而屋外已有一人静候多时,来者身姿高挑,但相貌平平,面部纹丝不动,教人看了不由心生烦郁,却又说不出究竟膈应在哪儿,见到他,宋微寒警惕地皱了皱眉,待看清他眼底似曾相识的笑意,才勉强认出了这个“陌生”男人:“你这脸是?”

“你先前不是说易容伤脸,我就让人做了张假面皮给我,也省得我术法不精,总画不到一块去。”赵璟贴近他,暧昧道:“偏偏你总能一眼就看穿我,想来是你我心意相通,否则这世间怎会有如此离奇之事?”

宋微寒退后半步,没心思跟他你侬我侬:“我能认出你,是因为——自那日你在偏殿动怒后,看我的眼神就变了。”从漠视到试探,从亲近到此刻的暧昧。

那真是一个极诡异的转机,分明上一刻还剑拔弩张,再一转眼,疏离冷淡的男人忽然对他起了兴趣,以至于今时今日二人行出悖礼乱德之举,一切都发生得太过诡谲,却又顺利得找不出丝毫破绽。

即便有心收回情愫,但他实在怀念赵璟昨夜的笑,夜色遮住了男人的脸,也让他得以窥探他不为人知的另一面——

落拓不羁,纵意所如,以及他口中那个端肃重情的少年,究竟哪一个才是他,抑或每一个都是他。

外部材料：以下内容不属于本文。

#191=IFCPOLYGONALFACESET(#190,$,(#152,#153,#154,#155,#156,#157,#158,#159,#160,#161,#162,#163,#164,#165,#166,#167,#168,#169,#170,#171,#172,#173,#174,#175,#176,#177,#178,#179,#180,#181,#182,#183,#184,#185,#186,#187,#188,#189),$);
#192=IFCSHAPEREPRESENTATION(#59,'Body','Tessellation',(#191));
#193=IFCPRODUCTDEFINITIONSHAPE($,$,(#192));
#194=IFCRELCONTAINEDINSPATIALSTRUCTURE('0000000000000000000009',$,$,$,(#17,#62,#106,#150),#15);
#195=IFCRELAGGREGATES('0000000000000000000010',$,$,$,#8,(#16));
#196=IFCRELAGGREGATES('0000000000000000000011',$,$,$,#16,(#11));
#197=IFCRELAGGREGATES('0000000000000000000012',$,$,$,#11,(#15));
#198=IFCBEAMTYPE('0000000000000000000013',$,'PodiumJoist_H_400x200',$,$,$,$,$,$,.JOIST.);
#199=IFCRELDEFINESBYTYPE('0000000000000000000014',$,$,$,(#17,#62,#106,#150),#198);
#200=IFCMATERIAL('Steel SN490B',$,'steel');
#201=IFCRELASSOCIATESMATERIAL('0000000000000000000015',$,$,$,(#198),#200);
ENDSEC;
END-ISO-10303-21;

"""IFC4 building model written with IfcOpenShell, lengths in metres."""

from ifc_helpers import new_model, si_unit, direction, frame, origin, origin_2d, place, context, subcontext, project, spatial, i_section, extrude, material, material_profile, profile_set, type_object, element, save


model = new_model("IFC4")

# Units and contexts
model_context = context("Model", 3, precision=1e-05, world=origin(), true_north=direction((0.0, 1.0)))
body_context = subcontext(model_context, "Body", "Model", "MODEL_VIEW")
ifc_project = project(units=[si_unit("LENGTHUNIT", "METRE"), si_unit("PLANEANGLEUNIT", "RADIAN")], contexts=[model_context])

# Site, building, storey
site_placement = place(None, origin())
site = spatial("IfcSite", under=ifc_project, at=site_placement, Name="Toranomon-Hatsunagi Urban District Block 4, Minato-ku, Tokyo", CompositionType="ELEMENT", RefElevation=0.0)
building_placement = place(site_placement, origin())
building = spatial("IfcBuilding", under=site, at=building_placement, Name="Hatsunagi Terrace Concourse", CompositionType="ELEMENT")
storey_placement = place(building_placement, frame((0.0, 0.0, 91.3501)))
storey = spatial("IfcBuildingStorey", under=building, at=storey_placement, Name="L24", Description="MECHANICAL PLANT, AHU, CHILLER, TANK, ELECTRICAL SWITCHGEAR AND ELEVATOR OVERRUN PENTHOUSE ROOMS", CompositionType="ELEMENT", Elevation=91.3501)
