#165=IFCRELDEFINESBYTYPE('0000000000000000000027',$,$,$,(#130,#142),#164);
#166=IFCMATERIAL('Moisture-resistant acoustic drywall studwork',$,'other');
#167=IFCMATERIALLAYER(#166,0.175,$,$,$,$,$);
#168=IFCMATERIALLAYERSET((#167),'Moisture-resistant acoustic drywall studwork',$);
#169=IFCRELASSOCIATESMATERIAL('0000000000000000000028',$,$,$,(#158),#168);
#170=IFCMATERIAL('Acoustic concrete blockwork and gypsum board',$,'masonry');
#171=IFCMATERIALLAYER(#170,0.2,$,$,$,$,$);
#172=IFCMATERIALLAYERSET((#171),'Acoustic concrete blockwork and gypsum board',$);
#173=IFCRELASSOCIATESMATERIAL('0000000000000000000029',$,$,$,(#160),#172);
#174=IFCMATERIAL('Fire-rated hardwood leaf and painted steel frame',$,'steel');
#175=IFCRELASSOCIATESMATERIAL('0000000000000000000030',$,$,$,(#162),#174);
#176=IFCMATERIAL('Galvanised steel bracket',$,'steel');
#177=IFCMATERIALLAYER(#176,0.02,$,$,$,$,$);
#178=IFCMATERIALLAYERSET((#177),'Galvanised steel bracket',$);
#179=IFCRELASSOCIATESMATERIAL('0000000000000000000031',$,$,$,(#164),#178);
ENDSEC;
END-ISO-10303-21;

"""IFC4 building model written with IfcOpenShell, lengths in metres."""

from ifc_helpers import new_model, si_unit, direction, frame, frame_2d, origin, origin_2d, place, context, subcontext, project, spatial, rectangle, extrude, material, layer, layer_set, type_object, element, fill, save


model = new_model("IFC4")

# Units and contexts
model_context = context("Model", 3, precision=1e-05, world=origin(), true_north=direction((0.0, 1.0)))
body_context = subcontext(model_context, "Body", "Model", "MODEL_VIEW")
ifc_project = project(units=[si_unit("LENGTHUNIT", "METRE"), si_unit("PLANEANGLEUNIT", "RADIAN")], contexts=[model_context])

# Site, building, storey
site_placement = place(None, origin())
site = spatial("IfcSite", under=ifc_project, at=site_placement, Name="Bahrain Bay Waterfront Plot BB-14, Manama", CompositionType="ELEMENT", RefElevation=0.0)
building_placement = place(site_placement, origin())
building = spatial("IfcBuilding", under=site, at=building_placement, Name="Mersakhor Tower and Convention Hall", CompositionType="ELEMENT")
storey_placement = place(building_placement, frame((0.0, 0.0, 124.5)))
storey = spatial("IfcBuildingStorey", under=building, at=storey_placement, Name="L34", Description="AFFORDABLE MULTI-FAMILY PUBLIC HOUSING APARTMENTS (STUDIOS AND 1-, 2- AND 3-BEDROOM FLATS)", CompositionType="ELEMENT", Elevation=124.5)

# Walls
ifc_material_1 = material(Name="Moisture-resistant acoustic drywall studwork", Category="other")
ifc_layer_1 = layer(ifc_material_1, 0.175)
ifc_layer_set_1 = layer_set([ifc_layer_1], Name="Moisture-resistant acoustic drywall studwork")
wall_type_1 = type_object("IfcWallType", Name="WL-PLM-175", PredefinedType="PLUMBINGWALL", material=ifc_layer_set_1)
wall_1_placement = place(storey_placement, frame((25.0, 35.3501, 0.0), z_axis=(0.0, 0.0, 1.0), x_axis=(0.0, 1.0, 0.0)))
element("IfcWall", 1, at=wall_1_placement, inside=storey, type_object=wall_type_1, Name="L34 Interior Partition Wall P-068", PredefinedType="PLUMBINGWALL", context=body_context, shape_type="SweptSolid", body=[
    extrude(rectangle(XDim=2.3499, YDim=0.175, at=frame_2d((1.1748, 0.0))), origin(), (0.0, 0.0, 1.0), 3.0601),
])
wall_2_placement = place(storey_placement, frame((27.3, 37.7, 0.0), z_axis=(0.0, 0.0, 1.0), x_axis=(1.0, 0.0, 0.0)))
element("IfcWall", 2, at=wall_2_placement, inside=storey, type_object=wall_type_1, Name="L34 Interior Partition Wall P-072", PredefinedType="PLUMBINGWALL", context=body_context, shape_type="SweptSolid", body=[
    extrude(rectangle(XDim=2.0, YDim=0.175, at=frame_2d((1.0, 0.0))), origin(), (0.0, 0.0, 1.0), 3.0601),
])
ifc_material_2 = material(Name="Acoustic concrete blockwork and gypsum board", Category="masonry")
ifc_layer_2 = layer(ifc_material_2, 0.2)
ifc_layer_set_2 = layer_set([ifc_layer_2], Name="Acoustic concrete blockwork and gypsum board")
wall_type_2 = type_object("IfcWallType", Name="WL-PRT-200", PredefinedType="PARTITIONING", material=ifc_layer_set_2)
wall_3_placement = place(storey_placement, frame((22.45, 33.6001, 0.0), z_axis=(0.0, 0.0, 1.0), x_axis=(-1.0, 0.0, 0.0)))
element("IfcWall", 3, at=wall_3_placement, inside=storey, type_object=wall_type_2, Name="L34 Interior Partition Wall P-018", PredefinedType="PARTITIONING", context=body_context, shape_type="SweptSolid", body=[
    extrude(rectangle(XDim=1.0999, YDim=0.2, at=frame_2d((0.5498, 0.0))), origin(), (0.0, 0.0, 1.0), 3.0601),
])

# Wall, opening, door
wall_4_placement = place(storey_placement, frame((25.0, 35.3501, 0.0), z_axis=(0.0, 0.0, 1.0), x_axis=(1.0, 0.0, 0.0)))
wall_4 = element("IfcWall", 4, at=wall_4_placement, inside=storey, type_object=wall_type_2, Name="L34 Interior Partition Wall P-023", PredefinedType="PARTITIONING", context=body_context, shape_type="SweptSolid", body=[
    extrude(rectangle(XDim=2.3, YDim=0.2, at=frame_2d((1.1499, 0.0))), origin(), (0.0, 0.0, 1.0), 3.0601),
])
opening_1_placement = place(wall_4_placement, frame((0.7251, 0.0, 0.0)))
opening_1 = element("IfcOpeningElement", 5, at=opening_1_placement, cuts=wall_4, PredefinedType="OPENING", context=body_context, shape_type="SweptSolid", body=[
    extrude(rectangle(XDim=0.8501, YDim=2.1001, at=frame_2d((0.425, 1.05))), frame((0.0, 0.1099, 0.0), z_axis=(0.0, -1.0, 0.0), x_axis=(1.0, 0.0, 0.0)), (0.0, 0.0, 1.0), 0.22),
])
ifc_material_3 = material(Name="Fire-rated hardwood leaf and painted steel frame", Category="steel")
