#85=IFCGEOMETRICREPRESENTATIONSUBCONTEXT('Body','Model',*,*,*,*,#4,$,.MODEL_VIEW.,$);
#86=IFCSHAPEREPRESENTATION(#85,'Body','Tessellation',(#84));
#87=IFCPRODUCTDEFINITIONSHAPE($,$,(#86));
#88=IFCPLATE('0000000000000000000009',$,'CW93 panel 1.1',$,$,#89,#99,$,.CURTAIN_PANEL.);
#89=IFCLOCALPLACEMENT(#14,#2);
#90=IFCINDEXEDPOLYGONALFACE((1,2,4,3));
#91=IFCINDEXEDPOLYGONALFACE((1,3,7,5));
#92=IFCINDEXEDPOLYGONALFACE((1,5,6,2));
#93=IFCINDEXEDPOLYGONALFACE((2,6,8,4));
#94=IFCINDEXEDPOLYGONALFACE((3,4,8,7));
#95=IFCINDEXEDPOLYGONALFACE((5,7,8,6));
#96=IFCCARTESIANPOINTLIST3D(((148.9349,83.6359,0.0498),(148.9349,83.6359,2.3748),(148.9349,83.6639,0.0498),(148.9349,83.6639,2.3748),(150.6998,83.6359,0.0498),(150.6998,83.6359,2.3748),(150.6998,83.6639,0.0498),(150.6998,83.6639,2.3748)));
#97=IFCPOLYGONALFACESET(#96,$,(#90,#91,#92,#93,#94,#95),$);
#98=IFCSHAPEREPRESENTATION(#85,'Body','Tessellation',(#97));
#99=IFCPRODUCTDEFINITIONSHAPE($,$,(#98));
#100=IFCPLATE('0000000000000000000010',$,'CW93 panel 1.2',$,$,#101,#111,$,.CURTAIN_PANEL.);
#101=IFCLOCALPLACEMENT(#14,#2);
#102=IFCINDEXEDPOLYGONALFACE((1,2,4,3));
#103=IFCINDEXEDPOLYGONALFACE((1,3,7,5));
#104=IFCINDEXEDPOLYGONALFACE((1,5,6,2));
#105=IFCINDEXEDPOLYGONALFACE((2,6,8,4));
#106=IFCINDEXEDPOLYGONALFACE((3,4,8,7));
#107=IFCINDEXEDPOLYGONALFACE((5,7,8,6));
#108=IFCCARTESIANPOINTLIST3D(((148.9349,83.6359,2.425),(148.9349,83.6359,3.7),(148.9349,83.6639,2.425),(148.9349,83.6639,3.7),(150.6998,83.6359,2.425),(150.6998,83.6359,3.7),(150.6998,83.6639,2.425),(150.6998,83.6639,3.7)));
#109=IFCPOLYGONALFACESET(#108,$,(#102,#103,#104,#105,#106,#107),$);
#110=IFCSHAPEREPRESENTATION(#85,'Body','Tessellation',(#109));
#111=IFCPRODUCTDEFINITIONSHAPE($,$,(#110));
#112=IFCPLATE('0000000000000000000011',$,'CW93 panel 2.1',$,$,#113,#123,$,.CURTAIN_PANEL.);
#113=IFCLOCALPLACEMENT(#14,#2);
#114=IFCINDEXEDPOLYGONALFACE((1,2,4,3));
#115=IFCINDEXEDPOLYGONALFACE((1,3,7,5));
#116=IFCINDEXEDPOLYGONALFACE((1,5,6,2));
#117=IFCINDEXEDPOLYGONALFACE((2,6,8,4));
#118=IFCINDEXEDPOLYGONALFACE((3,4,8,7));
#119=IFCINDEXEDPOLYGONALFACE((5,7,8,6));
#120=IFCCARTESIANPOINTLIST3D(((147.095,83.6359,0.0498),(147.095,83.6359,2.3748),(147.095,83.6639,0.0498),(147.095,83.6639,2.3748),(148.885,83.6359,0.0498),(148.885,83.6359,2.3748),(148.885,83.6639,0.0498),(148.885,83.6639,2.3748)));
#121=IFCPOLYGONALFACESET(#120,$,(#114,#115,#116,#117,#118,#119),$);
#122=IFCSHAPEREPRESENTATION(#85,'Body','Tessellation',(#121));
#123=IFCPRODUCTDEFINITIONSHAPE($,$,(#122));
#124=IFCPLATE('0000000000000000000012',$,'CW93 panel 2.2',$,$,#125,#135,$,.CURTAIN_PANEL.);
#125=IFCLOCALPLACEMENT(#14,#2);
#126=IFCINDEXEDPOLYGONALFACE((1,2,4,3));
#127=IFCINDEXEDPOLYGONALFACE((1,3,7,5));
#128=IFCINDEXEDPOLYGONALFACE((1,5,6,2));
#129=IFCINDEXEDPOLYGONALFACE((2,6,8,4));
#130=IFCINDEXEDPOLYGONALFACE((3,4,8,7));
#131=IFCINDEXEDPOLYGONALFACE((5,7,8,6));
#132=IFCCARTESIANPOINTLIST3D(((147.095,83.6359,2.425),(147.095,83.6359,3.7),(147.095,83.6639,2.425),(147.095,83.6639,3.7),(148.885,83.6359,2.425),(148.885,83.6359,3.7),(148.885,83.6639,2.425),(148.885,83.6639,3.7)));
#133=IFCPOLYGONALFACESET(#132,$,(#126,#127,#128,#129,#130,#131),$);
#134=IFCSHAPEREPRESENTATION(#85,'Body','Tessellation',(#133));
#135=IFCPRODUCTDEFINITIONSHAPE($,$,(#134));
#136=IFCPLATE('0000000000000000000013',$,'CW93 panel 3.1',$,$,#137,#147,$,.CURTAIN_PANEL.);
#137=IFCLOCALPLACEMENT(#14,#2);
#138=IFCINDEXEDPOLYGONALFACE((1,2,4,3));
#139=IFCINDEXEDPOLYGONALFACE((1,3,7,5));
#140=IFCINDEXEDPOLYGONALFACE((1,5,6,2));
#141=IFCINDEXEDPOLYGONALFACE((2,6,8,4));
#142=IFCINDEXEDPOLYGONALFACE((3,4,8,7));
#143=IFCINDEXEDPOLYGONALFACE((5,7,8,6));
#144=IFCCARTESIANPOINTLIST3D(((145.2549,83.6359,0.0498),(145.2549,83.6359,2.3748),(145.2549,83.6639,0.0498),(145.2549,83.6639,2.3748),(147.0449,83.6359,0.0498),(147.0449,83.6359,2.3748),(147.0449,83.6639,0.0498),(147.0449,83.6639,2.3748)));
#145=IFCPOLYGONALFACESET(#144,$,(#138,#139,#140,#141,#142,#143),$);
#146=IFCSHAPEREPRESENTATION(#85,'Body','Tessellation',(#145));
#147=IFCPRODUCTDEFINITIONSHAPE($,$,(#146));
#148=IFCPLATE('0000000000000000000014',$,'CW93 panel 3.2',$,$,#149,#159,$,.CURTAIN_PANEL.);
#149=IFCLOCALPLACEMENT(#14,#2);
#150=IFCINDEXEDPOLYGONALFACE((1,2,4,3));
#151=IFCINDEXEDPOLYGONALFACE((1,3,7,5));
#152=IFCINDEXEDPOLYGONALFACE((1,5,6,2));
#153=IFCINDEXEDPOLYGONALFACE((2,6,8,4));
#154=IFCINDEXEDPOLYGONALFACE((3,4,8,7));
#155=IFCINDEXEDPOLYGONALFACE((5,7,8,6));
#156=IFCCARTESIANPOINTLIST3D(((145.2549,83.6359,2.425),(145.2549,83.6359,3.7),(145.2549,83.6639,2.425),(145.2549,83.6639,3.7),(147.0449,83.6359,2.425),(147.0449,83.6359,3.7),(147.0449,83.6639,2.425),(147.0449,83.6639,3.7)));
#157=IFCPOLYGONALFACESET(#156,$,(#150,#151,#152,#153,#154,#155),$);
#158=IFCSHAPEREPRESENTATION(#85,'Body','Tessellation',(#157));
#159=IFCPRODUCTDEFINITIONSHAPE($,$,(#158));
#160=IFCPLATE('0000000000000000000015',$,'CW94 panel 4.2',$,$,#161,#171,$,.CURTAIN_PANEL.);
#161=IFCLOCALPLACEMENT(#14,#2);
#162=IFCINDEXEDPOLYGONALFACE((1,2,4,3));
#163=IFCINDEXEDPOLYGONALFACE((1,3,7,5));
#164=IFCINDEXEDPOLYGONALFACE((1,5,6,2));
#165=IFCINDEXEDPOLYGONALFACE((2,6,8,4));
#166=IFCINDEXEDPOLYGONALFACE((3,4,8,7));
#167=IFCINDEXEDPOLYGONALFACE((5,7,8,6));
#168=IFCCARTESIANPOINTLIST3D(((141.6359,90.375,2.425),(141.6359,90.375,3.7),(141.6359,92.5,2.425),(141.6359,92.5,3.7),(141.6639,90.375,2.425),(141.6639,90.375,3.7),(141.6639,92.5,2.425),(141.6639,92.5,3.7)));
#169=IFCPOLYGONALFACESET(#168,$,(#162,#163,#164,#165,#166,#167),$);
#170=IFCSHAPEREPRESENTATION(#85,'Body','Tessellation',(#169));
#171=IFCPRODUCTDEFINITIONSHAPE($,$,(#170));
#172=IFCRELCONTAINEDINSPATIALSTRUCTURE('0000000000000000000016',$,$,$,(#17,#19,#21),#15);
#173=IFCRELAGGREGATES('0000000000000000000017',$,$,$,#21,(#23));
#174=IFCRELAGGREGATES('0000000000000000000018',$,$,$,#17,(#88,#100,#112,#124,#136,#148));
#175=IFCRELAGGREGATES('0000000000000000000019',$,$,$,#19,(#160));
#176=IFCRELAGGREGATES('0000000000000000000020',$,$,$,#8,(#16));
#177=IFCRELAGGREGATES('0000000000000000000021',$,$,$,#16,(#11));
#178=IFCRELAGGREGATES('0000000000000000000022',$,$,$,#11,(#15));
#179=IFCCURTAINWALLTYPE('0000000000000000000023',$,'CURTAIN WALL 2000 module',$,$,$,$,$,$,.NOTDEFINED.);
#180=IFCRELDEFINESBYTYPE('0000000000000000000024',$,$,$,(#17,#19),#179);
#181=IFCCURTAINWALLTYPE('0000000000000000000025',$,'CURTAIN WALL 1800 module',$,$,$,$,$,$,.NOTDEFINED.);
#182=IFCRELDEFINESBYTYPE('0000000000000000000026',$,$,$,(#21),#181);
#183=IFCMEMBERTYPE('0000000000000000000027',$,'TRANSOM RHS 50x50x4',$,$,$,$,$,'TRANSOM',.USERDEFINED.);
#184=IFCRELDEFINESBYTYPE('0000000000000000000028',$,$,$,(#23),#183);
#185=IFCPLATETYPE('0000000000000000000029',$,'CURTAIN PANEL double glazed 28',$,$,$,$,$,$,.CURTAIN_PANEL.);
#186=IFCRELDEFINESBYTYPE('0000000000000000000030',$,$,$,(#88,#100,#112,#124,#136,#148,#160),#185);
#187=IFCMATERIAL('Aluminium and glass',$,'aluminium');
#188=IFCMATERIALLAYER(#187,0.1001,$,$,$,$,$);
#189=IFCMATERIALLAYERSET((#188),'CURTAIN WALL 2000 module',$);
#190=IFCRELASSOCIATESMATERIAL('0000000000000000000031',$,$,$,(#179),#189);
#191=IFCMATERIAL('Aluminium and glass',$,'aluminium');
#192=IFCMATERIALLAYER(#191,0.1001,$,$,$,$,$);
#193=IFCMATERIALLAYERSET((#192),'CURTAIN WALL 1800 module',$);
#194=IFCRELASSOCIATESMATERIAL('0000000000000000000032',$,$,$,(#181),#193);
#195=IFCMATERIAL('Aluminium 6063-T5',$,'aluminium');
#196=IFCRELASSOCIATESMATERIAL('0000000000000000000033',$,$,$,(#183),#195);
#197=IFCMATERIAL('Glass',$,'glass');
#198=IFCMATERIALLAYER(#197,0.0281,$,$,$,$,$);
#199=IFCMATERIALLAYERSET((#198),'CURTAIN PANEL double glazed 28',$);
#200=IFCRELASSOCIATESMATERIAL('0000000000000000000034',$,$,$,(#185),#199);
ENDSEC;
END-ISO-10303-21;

赵璟跟进一步,总算回过味了:“你这是怨怼我对你动手?你若实在气不过,我再让你打回来便是。”

“不敢不敢。”宋微寒顿时失笑,更觉他亲近了许多,遂出声调侃道:“我怕殿下哪日不高兴了,会连本带利讨回来。”

“谁说我指的是那种‘打’了?”赵璟把他拉到墙角,手也不客气地抚上他的脸,一路游移至唇畔,哑声道:“俗话说,打是亲,骂是爱,换言之,亲就是打,倘若你想‘打’我,可以尽情地来。”

说到此处,他两眼一眯,总觉得宋微寒的唇色太过单薄,故又揉搓了数下,直作弄得原先肉色的唇充血发红,才满意地露出笑容。

宋微寒顿时绷直了脊背,脸色也跟着白了三分,却又碍于他的举动,始终不敢动上分毫。思绪遇阻,目光便不受控制,他转了转眼,却还是禁不住回望探索起男人那双微微垂下的眼。

是了,除了亲近与暧昧,更多是不可忽视的禁锢。他始终是危险的,这才是他所有情绪的底色。

待到男人放行,他才暗暗放下悬在胸口的大石,并及时提起正事:“你那边查得怎么样?”

“大抵是知道始末了,这事儿没我们想的那么简单,阿拉尔迦注定是枉费功夫了。”赵璟颇为遗憾地收回手,只觉指尖还萦绕着些许余温,目光便又投向他的唇。

宋微寒:“此话怎讲?”

赵璟睨了他一眼,面露不悦:“你那么关心他做什么?即便蒙阗使臣找你是用来诓其格其的说辞,但过不了两日,巴图尔定会亲自上门,届时把案子这么一交接,就没你我什么事了。”

宋微寒见他不高兴了,忙耐心解释道:“我只是想到你能轻易勘破他的心思,如此不谋而合,我…实在担心你。”这也是他最悔恨的,毕竟最后一章确实发布了,若原定剧情不变,赵璟定然或多或少受到了影响,再有下一次,他是否还会做出同样的决断?

惊闻此言,再看他眼里流露出来的忧心,赵璟禁不住手指一颤,原先存有余温的指尖再次烧了起来:“你再这样,我怕我会忍不住就地把你给办了。”